Continuing along with my HF superheterodyne receiver project, I designed and tested a tuned IF amplifier to feed the crystal filter. The tuned IF amplifier determines the receiver's ultimate performance by providing stable, high-gain amplification and precise bandpass filtering.
Because these stages operate at a fixed frequency (8 MHz in my case), they allow for the use of high-Q tuned circuits that maintain consistent selectivity regardless of the original signal's carrier frequency. Mastering the design and alignment of these tuned circuits is essential for maximizing sensitivity and eliminating adjacent channel interference.
Design and Simulation of the Amplifier
The design of this amplifier followed the same process as all the other cascode amplifiers I made so far. I first set the DC bias around a desired collector current. In this case I chose 5 mA to achieve lower nosie while still having plenty of amplification headroom.
The key difference in the design of this amplifier was adding a tuned LC tank circuit for 8 MHz at the output providing a parallel load to the amplifier of 2.5 kΩ. I tuned this tank to have a loaded Q of around 8.
A broadband transformer was used to match the input 1.2 kΩ of the amplifier to the 50 Ω system.
After running the simulation, the input impedance was confirmed to be around 50 Ω, and the power gain to be around 28 dB. The simulation gain was slightly higher than I was aiming for, but I also didn't account for losses within each component.

PCB Fabrication
With the simulation complete, I designed a PCB for the amplifier in KiCAD.

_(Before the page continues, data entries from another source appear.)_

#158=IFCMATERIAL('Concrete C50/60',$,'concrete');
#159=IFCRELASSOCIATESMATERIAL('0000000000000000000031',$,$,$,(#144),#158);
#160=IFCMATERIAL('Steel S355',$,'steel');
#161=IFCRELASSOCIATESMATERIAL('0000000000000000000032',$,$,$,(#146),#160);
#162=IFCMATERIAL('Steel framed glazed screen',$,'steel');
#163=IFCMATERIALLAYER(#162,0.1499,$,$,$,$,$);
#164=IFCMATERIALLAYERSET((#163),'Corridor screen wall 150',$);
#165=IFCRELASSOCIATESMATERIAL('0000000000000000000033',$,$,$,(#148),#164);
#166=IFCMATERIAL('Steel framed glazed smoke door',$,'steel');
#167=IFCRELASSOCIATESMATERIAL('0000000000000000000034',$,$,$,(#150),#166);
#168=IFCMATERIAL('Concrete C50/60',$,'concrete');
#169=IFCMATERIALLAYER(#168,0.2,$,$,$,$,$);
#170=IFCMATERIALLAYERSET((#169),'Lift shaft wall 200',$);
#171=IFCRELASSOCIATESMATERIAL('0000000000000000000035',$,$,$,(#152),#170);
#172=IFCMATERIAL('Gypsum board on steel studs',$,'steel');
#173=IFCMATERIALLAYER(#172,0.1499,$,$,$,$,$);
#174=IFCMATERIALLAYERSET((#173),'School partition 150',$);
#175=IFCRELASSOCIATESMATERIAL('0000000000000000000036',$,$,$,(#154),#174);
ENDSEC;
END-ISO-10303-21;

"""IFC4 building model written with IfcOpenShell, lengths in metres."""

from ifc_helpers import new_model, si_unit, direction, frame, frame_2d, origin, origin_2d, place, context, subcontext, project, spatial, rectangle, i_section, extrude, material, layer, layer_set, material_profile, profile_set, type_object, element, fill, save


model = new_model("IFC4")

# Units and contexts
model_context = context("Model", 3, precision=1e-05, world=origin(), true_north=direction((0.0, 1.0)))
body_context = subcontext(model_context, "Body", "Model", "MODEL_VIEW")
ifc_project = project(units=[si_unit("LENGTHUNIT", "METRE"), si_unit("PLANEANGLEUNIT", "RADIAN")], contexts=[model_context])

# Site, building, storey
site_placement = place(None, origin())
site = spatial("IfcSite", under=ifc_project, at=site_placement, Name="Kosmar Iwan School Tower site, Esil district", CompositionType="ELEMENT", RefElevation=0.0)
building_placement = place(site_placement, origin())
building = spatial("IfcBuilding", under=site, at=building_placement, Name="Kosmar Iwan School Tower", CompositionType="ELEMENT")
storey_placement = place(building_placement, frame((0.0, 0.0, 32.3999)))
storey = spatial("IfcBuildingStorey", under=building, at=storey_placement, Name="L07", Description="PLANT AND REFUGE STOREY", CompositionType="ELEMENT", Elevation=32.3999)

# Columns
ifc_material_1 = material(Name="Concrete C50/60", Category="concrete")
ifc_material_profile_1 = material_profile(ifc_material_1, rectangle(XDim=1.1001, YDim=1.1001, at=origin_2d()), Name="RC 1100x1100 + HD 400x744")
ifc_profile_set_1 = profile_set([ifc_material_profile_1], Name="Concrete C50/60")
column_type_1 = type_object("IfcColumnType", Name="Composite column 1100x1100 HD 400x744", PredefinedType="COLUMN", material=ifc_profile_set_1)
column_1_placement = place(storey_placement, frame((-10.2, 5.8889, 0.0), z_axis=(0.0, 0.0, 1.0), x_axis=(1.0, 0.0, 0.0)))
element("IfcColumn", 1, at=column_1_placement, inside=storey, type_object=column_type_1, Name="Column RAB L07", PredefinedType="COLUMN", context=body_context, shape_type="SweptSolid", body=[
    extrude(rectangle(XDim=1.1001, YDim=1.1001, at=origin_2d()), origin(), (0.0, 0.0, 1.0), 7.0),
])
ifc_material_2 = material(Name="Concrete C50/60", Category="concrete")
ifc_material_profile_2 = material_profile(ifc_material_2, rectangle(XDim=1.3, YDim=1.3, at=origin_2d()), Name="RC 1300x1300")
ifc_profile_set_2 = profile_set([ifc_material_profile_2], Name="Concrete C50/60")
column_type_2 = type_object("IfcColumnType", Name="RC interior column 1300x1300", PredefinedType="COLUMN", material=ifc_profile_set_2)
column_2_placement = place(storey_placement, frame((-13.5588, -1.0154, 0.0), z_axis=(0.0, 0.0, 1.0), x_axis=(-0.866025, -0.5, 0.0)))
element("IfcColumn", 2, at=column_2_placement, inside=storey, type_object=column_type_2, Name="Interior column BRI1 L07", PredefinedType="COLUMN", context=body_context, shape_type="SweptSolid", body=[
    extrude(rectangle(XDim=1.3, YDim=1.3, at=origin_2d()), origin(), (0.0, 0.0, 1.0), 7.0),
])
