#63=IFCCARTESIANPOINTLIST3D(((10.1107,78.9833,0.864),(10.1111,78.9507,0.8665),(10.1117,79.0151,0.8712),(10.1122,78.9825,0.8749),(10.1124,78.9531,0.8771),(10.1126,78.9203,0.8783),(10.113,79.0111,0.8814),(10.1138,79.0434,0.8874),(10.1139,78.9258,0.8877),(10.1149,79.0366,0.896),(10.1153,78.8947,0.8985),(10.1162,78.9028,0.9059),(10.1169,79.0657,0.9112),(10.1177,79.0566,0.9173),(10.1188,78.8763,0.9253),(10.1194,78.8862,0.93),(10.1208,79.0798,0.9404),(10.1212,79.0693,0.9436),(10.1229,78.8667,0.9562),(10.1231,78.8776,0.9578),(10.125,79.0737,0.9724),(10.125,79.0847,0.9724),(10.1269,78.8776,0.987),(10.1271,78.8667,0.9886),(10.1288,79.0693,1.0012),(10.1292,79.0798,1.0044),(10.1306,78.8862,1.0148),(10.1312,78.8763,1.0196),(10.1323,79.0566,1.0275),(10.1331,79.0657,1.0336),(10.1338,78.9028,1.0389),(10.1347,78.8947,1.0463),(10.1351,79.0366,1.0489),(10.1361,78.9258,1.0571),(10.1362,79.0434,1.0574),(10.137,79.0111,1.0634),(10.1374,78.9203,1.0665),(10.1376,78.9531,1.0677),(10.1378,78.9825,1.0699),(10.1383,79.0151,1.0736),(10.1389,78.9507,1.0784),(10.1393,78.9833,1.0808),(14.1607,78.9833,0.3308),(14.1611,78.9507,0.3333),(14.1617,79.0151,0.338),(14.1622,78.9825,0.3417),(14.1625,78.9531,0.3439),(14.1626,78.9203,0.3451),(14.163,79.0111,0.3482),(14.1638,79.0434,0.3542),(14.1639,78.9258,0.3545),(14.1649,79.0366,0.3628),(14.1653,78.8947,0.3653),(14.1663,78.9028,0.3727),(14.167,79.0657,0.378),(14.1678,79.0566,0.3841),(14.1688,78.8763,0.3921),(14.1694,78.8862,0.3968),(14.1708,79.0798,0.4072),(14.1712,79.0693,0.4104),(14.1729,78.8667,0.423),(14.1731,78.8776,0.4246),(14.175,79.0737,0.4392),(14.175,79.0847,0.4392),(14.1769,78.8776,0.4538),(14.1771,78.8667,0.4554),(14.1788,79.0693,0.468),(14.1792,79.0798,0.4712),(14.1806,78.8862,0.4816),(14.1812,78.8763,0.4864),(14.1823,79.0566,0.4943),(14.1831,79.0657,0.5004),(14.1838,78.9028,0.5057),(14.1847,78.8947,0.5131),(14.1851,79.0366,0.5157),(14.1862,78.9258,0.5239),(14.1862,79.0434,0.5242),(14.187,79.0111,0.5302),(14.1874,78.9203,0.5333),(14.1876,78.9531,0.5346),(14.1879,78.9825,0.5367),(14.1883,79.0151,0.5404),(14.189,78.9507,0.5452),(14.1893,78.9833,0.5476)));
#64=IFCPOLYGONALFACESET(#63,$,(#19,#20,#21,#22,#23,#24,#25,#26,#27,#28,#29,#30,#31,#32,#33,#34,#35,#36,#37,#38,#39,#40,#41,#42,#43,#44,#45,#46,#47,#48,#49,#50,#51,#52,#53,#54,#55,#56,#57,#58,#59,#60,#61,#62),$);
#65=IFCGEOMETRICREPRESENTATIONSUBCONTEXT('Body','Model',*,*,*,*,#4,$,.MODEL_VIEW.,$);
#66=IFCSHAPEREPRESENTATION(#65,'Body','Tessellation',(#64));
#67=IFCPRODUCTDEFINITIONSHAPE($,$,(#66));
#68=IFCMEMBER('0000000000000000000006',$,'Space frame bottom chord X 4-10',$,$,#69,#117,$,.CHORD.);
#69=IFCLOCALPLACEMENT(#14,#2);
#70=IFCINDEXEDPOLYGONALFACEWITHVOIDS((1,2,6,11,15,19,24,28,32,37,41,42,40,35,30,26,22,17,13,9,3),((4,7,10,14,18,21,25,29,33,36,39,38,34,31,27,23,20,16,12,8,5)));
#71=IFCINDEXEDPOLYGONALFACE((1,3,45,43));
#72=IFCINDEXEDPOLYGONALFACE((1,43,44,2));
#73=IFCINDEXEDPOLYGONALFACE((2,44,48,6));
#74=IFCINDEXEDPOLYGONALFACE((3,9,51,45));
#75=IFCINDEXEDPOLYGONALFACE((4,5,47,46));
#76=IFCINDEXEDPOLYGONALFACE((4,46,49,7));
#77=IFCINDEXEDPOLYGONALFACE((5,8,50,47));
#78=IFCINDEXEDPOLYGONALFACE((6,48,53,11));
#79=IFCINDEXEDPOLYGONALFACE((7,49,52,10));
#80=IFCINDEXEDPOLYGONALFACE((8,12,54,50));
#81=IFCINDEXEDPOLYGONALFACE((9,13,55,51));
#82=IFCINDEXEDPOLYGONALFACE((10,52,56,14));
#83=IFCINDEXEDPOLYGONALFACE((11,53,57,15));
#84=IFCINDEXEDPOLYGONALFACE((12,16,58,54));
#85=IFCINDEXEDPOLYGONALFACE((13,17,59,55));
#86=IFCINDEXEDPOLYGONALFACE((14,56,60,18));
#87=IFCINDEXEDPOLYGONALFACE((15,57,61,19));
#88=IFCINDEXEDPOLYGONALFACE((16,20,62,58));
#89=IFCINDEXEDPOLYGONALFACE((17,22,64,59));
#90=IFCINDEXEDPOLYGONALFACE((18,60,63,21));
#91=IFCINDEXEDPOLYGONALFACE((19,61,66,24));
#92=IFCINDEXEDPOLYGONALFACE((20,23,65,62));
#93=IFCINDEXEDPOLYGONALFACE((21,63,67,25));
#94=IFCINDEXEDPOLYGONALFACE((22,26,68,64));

With the layout complete, I then used the toner transfer method to mask a copper clad board for etching. I etch using ferric chloride etchant.



Amplifier Assembly
Using parts I have on hand I soldered together the amplifier
Note on Emitter Resistor Values
During testing, I decided to change the emitter resistor values. I changed the 47 Ω resistor to 33 Ω, and the 180 Ω resistor to 120 Ω. This was in an effort to increase the gain slightly.
Winding the tuned tanks Inductor
To wind the inductor, I used an FT37-6 as it is great for high-Q inductors at 8 MHz. The FT37-6 has an $A_L$ of 3 $nH/Turn^2$. This meant I needed 40 turns to achieve the 4.8 uH of inductance needed for the tuned LC tank.
Additionally, I wanted to drive a 1 kΩ load (the crystal filter) with this amplifier, so I needed to tap the inductor at a specific turn. This was equivalent to calculating the tap on an autotransformer.
The tap position was found by first calculating the turns ratio $\sqrt{2500/1000} = 1.58$ then using that, I calculate the number of turns before the tap $N_{tap} = 40/1.58 = 25.38$ I rounded this up to 26 turns. This meant, from Vcc, I have 26 turns, then a tap, then 14 more turns.
Testing the Amplifier
To test the amplifier, I used my test jig with my NanoVNA. On the transmission (S21) port, I added a 20 dB attenuator to protect the VNA.
For the 1 kΩ output impedance, I included a broadband transformer using a 4:18 turn ratio on a 43 mix toroid ($A_L = 480 nH/Turn^2$). This could add some insertion loss, so the gain could possibly be higher
The results showed a gain of 22 dB at an input impedance of close to 50 Ω. The Q of the tuned tank seemed lower than I anticipated which could mean the tank circuit is getting loaded down more than expected.
Remarks
This amplifier works well as the first IF amplifier. The tank circuit aids in selectivity, especially after the first mixer which may have unwanted mixing products.